Щорс суетился насчет каши и чая.
— А вот видишь?
— Что?
— Соль! Здесь полтора килограмма! — сказал он.
— Соль?! Вот это да!
Тот, что постарше, сидел у печки и, подкладывая в огонь шляпки подсолнуха, внимательно слушал мой рассказ. Я чувствовала, что он для них как глоток воздуха. Рассказала все подробно.
— Остынет, ешь, — напомнил Щорс.
— Неужели? — глянула я на него с укором: дай, мол, все выложить, тогда и поем.
Когда замолкла, старший тихо произнес:
— Шура Князева — это моя дочь.
— Товарищ Князев — заместитель начальника партизанского отряда, а товарищ Александров — начальник партизанского отряда взамен убитого Дементьева, — пояснила мне мама.
Мы надолго замолчали.
Была уже глубокая ночь, когда Александров мне предложил:
— Хотите, я вас поучу стрелять из пистолета?
— Ой, хочу, конечно!
Не поймешь этой войны: где люди прячутся разумно, а где в темноте, хоть глаз коли, выходят на волю и начинают вовсю стрелять. Но как знать, кто стреляет в степи и кому это нужно?..

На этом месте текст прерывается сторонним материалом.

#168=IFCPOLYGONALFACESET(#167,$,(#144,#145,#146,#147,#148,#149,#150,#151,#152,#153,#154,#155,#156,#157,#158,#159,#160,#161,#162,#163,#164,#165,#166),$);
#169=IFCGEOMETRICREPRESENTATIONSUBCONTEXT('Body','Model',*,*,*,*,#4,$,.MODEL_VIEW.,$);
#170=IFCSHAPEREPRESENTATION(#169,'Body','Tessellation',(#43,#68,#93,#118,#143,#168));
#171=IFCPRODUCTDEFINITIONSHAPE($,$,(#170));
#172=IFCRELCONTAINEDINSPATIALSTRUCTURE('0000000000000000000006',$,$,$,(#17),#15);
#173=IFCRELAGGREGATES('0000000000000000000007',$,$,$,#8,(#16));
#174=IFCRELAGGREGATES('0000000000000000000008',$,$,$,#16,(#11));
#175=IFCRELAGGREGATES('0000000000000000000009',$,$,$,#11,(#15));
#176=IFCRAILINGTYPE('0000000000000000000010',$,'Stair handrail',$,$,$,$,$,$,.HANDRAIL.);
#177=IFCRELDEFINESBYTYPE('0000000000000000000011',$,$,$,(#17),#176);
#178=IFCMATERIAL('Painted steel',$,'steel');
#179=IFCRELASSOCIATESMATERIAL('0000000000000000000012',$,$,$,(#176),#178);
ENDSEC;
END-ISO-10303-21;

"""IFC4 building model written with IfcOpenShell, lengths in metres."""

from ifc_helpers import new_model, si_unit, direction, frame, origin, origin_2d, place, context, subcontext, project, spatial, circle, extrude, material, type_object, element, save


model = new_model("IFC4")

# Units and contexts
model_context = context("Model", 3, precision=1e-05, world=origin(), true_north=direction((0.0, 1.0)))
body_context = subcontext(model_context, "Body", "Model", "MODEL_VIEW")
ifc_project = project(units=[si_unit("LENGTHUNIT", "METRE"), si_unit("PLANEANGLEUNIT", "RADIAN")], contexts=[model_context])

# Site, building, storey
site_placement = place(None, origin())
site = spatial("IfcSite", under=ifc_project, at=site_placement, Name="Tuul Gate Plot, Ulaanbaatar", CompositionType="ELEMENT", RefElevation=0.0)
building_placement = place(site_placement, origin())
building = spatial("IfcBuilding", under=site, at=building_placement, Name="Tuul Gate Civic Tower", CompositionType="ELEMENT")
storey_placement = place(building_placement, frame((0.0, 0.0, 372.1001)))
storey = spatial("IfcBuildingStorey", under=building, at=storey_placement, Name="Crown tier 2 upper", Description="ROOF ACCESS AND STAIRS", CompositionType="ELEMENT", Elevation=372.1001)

— Мам, можно, возьму твой платок?
— Куда ты? Холодно ведь.
Я все же надела мамин белый шерстяной платок, повязав его вокруг лица, зная, до какой степени прикрыть подбородок.
Вышли. Он в белом полушубке, без шапки. Что-то долго бурчит про то, как я должна действовать. Дал мне пистолет, не отрывая своей руки, которую держал лодочкой под моей.

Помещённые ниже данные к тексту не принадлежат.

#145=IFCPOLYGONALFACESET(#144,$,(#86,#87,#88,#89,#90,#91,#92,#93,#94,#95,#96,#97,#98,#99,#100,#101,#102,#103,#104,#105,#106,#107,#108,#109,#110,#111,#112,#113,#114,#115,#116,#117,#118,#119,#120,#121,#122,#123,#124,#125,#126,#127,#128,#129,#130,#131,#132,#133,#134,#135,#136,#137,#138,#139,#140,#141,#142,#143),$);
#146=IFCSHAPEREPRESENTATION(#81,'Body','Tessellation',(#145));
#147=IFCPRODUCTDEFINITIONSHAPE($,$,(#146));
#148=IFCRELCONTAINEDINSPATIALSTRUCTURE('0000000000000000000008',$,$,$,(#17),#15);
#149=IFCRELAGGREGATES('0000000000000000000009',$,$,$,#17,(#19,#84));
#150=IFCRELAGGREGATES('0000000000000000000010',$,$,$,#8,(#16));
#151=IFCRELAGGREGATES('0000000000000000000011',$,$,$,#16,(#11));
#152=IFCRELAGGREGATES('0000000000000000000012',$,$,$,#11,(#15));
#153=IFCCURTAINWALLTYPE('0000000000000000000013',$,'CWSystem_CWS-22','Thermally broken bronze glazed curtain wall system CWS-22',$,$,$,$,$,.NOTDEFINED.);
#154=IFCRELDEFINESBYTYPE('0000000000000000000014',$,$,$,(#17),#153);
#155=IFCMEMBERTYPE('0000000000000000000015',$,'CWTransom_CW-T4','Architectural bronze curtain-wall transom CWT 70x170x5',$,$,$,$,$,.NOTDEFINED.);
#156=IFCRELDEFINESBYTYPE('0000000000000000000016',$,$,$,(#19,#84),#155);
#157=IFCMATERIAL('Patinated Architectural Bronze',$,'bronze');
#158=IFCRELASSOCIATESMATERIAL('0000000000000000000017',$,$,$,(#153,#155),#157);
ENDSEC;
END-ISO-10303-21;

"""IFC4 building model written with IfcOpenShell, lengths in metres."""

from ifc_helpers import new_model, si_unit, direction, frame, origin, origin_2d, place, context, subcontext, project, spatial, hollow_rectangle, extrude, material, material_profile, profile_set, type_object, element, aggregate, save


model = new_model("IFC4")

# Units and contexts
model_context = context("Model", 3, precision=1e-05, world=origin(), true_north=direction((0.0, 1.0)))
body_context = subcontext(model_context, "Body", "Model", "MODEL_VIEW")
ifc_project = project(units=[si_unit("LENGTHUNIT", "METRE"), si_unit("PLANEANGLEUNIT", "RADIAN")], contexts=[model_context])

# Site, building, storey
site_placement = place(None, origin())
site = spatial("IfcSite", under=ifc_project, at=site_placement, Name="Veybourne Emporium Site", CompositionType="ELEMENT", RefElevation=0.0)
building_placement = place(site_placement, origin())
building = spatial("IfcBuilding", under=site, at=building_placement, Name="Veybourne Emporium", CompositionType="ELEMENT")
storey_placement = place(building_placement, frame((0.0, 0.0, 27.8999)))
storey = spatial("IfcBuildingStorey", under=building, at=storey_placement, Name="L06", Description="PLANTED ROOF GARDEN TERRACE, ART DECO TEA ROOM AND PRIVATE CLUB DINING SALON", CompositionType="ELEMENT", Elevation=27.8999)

— Учти, будет большая отдача… Нажимай!
Я легонько отстранила его и, взявшись двумя руками, направила пистолет в небо.
— Курок нашла?
Вместо ответа — выстрел. Отдача действительно была чувствительная, но я удержалась.
— Ну как?
— Это несложно, ведь главное — попадать в цель.
— Правильно. Хочешь еще?
— Хочу.
Я стрельнула еще раз. Тут вышла мама.
— Нехорошо это, Владимир Иванович, Нонка, и ты тоже как дитя.
Мама ушла, и Александров забрал у меня оружие.
— Скажите, сколько вам лет? — вдруг спросил он.
Первый и последний раз в жизни я неправильно назвала свой возраст. Вытянувшись, я стала как будто повыше и посолиднее и вместо своих шестнадцати произнесла:
— Семнадцать…
Мама собрала им что-то в дорогу.
— Пора, — сказал Князев.
И они ушли.
Мой топчан стоял возле окошка. Отсюда я смотрела на степь, на небо… Вот и тогда я смотрела на них, как они быстро пошли, но не по дороге, а сразу куда-то вбок. Вся стая собак ринулась за ними, но тихо, как будто знали, что наших гостей надо тихо провожать. Скоро все кончится… И мы не будем прятаться. Но тут у меня екнуло под ложечкой: а они-то куда? И когда теперь придут?
Проснувшись рано утром, я увидела, что они оба спят на полу рядом с детьми… Мама шепнула: «По всей степи разъезды…»
Я села на топчане, оделась — не до сна.
— Пойду сена насмыкаю корове, — у нас к этому времени по распоряжению Мыцика появилась корова.
Вышла я к копне, только взяла в руки вилы, вижу — разъезд, и солидный, обмундированный как надо. Повернулась к скирде, смыкаю сено, а сама как завою песню: «Чайка смело пролетела над седой волной…» Не тут-то было — скоренько меня окружили, конские морды храпят в нетерпении.
— Слышь, красавица, тут двое не проезжали? Один постарше, а второй — пацан, седой такой. — Седыми у нас называли блондинов.
— Не проходили, а на конях проскакали вон туда.
Они посмотрели на хатку, и один из наездников направился к ней. Я, едва живая, продолжаю дергать сено и петь уже потише, чтобы не было слишком нарочито. Гляжу, он сильно наклонился — лень, наверное, с коня слезать — и долго смотрит внутрь хатки.